Risk and Reason: sensible risk assessment

from the early-fact-forum? dept.
MarkGubrud writes "The Sunday Washington Post carried a very thoughtful and balanced article on the problem of risk assessment by David Ropeik of the Harvard Center for Risk Assessment.

Most of us are probably aware that public perception of risk is often wildly out of proportion to the actual magnitudes of various hazards, resulting in sometimes hysterical overreation to minor or non-existent threats (electromagnetic fields, genetic engineering of foods) while other very serious dangers are downgraded or overlooked (workplace hazards, the AIDS pandemic).

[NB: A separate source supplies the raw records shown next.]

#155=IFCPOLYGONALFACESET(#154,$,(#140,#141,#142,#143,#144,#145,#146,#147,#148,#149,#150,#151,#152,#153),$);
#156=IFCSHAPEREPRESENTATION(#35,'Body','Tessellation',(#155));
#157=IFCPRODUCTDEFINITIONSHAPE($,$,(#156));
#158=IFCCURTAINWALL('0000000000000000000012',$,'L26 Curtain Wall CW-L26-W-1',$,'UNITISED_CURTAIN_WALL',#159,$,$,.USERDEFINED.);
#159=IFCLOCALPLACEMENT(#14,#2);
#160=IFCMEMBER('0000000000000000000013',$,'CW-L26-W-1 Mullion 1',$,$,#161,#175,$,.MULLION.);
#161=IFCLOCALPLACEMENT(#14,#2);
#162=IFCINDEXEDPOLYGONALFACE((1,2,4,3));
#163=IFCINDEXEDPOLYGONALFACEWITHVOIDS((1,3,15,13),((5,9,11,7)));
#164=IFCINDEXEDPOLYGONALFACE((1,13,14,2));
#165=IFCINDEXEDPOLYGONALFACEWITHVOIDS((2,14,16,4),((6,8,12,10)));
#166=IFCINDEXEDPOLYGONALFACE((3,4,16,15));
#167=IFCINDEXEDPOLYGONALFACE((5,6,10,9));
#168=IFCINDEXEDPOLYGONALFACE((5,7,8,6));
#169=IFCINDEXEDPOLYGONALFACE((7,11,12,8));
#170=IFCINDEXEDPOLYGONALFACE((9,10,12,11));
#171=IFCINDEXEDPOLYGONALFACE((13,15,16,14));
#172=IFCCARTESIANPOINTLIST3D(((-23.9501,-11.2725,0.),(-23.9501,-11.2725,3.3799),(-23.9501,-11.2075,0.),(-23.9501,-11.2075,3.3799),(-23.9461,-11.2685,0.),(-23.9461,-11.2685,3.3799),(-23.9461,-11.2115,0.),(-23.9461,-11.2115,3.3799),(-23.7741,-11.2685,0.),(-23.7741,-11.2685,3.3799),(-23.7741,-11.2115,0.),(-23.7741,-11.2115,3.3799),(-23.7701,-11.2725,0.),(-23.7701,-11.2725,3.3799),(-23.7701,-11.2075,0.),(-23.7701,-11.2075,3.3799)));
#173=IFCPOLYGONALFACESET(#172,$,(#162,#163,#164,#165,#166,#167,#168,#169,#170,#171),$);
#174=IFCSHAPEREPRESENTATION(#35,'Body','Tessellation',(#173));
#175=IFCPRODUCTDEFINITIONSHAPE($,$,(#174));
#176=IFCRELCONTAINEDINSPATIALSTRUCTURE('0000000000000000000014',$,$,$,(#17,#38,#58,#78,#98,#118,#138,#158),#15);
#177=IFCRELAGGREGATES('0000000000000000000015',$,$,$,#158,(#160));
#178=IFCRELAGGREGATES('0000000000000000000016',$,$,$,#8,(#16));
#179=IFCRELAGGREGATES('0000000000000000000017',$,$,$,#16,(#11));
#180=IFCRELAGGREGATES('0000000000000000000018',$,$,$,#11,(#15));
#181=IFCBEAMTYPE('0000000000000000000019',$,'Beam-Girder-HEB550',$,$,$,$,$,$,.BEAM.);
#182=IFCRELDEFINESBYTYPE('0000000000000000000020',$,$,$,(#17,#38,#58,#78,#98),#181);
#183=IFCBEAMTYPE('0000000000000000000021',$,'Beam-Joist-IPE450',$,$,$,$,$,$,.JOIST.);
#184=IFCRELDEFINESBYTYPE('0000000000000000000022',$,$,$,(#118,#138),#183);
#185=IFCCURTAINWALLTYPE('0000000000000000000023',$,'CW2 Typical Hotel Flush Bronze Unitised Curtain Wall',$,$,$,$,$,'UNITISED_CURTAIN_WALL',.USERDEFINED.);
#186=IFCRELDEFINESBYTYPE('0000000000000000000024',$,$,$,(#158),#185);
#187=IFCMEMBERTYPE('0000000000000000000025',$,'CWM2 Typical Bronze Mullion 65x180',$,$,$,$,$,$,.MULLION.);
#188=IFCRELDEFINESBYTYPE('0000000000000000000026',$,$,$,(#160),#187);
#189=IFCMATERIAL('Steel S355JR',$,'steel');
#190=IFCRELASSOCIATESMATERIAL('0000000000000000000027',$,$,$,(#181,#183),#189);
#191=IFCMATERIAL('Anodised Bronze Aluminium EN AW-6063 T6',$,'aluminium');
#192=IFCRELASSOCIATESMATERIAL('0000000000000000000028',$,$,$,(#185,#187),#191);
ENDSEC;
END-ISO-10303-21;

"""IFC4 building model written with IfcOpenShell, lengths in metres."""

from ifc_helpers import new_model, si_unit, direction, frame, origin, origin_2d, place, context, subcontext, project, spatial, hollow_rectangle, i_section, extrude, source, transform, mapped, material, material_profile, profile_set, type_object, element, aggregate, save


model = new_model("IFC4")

Unfortunately, this issue has been politicized almost beyond the pale of reason, with certain ideologues regularly denouncing any research whose conclusions they dislike as "junk science," and certain public interest organizations acting as if they are mostly interested in publicity." Read More for a hopeful scenario. "As Ropeik puts it,

Some conservatives have given "rational risk policy" and regulatory reform a bad name, often invoking a supposed "rational" response ostensibly in the public interest but actually on behalf of the special interests of corporate sponsors out to neuter the power of government oversight. Equally inflexible consumer groups and environmentalists resist rationality because the more fearful something sounds, the more it helps them advance their agenda.

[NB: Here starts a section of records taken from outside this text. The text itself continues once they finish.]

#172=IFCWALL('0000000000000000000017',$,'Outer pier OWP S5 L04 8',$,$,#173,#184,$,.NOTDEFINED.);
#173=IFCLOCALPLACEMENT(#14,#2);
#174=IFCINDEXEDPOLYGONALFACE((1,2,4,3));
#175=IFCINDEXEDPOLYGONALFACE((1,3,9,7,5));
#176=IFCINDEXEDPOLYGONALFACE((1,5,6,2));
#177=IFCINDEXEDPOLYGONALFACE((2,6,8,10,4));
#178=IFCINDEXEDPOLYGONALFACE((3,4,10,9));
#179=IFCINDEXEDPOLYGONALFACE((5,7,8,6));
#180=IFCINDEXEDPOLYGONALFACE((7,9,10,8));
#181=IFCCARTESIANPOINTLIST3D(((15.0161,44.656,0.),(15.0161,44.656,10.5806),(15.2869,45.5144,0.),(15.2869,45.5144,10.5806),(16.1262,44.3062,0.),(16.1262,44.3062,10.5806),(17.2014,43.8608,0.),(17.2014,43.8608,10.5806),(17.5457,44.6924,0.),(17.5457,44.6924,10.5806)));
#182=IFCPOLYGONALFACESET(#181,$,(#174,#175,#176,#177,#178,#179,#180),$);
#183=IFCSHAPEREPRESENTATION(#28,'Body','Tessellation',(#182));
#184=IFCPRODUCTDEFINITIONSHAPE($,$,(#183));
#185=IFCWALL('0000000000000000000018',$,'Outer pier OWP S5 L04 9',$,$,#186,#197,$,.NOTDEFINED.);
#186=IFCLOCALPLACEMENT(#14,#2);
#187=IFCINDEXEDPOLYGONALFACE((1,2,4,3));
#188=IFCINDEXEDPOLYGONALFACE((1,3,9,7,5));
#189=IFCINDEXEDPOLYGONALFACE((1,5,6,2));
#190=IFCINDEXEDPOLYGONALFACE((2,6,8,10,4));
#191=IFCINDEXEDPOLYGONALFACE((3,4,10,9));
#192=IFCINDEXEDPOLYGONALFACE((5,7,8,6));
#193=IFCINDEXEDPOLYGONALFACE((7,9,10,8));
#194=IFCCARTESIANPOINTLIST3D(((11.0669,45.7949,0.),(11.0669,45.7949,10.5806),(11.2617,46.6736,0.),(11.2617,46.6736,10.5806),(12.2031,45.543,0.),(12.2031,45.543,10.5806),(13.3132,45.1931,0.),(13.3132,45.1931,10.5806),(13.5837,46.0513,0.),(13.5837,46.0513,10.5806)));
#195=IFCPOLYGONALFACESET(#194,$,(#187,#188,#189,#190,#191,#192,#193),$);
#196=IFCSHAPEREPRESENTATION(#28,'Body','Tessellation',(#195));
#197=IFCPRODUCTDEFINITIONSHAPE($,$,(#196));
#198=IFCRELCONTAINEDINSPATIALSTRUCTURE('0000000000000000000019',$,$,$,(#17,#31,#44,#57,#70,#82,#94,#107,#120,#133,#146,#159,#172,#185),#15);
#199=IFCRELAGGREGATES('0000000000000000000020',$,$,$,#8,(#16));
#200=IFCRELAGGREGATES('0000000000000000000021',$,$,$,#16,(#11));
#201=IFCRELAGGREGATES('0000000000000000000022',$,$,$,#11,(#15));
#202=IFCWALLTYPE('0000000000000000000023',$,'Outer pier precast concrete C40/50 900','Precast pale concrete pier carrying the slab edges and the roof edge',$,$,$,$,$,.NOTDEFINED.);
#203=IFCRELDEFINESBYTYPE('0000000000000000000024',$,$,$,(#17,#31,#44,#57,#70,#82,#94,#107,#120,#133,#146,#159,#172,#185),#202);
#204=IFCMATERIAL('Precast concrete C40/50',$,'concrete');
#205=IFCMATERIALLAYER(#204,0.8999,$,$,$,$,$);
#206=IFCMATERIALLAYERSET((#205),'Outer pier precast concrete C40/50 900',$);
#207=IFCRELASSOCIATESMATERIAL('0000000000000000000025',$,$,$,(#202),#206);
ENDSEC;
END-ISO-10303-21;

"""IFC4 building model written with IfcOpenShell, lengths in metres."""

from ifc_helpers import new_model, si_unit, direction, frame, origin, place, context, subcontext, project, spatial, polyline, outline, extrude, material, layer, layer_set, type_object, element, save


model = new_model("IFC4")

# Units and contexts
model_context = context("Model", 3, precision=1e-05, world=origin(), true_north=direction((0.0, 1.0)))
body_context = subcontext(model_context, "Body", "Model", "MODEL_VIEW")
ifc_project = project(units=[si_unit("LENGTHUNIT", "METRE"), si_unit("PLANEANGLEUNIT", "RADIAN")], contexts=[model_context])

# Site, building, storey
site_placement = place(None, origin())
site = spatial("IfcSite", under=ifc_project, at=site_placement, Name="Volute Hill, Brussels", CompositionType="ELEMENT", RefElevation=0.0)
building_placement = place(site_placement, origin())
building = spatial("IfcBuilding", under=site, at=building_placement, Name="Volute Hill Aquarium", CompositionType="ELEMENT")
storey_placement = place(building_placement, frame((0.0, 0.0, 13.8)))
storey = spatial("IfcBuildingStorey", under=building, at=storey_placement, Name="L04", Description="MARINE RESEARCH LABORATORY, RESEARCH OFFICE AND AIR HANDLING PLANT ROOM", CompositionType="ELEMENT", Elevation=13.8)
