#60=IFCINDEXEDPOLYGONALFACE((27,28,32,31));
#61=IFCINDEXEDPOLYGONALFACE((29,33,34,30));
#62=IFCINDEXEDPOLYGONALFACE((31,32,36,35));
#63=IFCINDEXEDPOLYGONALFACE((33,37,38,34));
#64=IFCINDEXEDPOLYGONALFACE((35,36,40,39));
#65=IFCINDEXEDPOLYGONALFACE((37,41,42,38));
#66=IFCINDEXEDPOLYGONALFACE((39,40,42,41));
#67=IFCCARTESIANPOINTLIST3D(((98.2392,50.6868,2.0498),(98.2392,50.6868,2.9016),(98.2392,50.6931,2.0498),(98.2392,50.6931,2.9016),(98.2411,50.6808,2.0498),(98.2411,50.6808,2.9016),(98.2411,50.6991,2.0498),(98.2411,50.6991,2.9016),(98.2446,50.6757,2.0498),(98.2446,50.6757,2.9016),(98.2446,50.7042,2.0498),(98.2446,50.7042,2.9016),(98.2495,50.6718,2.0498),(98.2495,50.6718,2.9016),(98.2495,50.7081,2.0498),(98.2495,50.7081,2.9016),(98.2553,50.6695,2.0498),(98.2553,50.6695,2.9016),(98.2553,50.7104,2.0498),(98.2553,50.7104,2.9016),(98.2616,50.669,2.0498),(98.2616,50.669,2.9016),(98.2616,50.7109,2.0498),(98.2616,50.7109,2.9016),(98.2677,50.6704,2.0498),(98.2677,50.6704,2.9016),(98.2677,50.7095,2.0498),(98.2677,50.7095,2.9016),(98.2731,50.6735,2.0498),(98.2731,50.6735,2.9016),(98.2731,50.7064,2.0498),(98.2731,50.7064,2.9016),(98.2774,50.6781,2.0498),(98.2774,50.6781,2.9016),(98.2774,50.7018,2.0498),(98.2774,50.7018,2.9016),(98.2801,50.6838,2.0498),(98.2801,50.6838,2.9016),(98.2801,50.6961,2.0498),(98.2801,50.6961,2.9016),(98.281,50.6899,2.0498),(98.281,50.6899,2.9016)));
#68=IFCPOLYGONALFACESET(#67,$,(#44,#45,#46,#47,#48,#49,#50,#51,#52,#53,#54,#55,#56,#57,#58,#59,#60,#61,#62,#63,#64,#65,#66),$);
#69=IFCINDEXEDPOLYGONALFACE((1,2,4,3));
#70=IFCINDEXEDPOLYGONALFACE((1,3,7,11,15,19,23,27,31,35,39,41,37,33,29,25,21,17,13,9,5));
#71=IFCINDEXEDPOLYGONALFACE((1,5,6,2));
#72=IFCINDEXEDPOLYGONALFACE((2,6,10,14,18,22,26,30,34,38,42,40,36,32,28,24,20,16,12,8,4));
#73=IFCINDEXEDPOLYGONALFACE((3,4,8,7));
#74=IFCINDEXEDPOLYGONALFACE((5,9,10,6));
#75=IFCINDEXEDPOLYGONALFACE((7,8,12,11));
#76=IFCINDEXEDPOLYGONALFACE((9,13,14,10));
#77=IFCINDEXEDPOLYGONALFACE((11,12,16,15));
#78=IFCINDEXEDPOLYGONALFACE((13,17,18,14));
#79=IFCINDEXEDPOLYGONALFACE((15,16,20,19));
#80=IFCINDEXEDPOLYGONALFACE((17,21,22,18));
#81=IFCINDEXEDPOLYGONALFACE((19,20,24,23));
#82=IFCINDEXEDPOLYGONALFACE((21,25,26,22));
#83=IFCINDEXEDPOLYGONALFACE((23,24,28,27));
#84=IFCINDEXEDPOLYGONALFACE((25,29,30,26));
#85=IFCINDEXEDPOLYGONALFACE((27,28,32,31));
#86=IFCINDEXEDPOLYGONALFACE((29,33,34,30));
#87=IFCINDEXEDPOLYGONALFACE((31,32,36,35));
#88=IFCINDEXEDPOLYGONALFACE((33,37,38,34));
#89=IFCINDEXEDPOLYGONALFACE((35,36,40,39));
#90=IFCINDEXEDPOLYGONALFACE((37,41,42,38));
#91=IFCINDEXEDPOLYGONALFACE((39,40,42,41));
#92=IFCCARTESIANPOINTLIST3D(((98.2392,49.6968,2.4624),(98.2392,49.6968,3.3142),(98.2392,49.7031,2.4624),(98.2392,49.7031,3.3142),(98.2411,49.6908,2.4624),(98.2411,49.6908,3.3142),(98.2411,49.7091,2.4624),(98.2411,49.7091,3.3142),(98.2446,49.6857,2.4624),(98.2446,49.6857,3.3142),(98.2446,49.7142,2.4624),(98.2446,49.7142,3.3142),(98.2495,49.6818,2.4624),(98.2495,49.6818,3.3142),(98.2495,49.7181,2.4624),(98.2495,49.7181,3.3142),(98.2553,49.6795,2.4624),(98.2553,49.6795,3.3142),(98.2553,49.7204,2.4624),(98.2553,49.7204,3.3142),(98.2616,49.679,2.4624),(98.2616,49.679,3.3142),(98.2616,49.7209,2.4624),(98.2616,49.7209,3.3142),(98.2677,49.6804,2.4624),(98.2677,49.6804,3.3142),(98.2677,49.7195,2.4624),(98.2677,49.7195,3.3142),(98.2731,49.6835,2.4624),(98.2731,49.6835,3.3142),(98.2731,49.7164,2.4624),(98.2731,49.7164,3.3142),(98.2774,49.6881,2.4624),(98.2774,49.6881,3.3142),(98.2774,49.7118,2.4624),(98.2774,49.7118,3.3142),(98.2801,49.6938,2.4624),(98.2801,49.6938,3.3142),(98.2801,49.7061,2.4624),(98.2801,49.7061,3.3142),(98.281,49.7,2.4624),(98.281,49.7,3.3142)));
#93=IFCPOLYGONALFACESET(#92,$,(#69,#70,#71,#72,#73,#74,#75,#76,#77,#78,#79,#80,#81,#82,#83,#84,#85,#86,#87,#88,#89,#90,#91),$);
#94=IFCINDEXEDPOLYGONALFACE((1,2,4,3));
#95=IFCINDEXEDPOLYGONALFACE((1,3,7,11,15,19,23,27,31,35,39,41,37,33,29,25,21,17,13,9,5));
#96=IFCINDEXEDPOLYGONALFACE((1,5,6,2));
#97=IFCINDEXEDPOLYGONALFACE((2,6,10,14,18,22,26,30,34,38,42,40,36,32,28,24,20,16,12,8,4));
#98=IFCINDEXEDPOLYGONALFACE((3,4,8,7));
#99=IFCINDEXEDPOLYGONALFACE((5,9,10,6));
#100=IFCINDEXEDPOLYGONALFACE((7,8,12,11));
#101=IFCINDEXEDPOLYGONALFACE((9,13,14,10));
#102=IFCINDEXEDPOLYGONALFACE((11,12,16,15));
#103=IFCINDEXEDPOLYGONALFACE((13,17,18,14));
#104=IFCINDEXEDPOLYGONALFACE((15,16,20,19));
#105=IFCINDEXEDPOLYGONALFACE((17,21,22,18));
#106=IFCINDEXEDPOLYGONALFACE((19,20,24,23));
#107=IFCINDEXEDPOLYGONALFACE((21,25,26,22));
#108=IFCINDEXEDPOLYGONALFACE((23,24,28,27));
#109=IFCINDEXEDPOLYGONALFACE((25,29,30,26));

As a model of how to help break this deadlock, Ropeik spotlights the US Environmental Protection Agency's Health Effects Institute:

Some years ago, the Environmental Protection Agency and the automobile industry declared something of a truce in their war over the science of automobile emissions. Instead of each side spending millions on self-funded research the other side wouldn't accept, they each put in 50 percent of the money necessary–a total of $6 million–to create something called the Health Effects Institute. HEI was not created to make policy, but to give policymakers credible, trustworthy scientific information on which rational policy could be based. It was set up to be an impartial scientific review board–an agency of neutral arbiters, outside the government, beholden to nothing but the truth. To conduct its evaluations, it appoints panels of scientists, representing their various fields somewhat as a jury represents the community in a trial, so that no one with an ax to grind can control the process.

This does sound a lot like the "fact forums" Eric Drexler called for in Engines of Creation. According to Ropeik, the HEI has been a success, and he calls for the creation of a similar Risk Analysis Institute, outside government but with partial government funding, charged with assessment of risk in a broader range of issues.

Of course, a lot of people, from both sides of various issues, are going to be suspicious of such public-private partnerships regarding contentious issues. But Ropeik points out that

Setting up the institute outside the government would serve another important goal: Final policymaking decisions would still be made by government agencies, preserving citizens' ability to voice their concerns and use the political process to help shape the outcome.

That means that lobbyists, politics, the media and money would also still have influence. The messy process of policymaking would not change dramatically. But a Risk Analysis Institute's credible analyses, supporting not a specific policy but rational policymaking in general, would incrementally move government decision making toward wiser, more informed choices."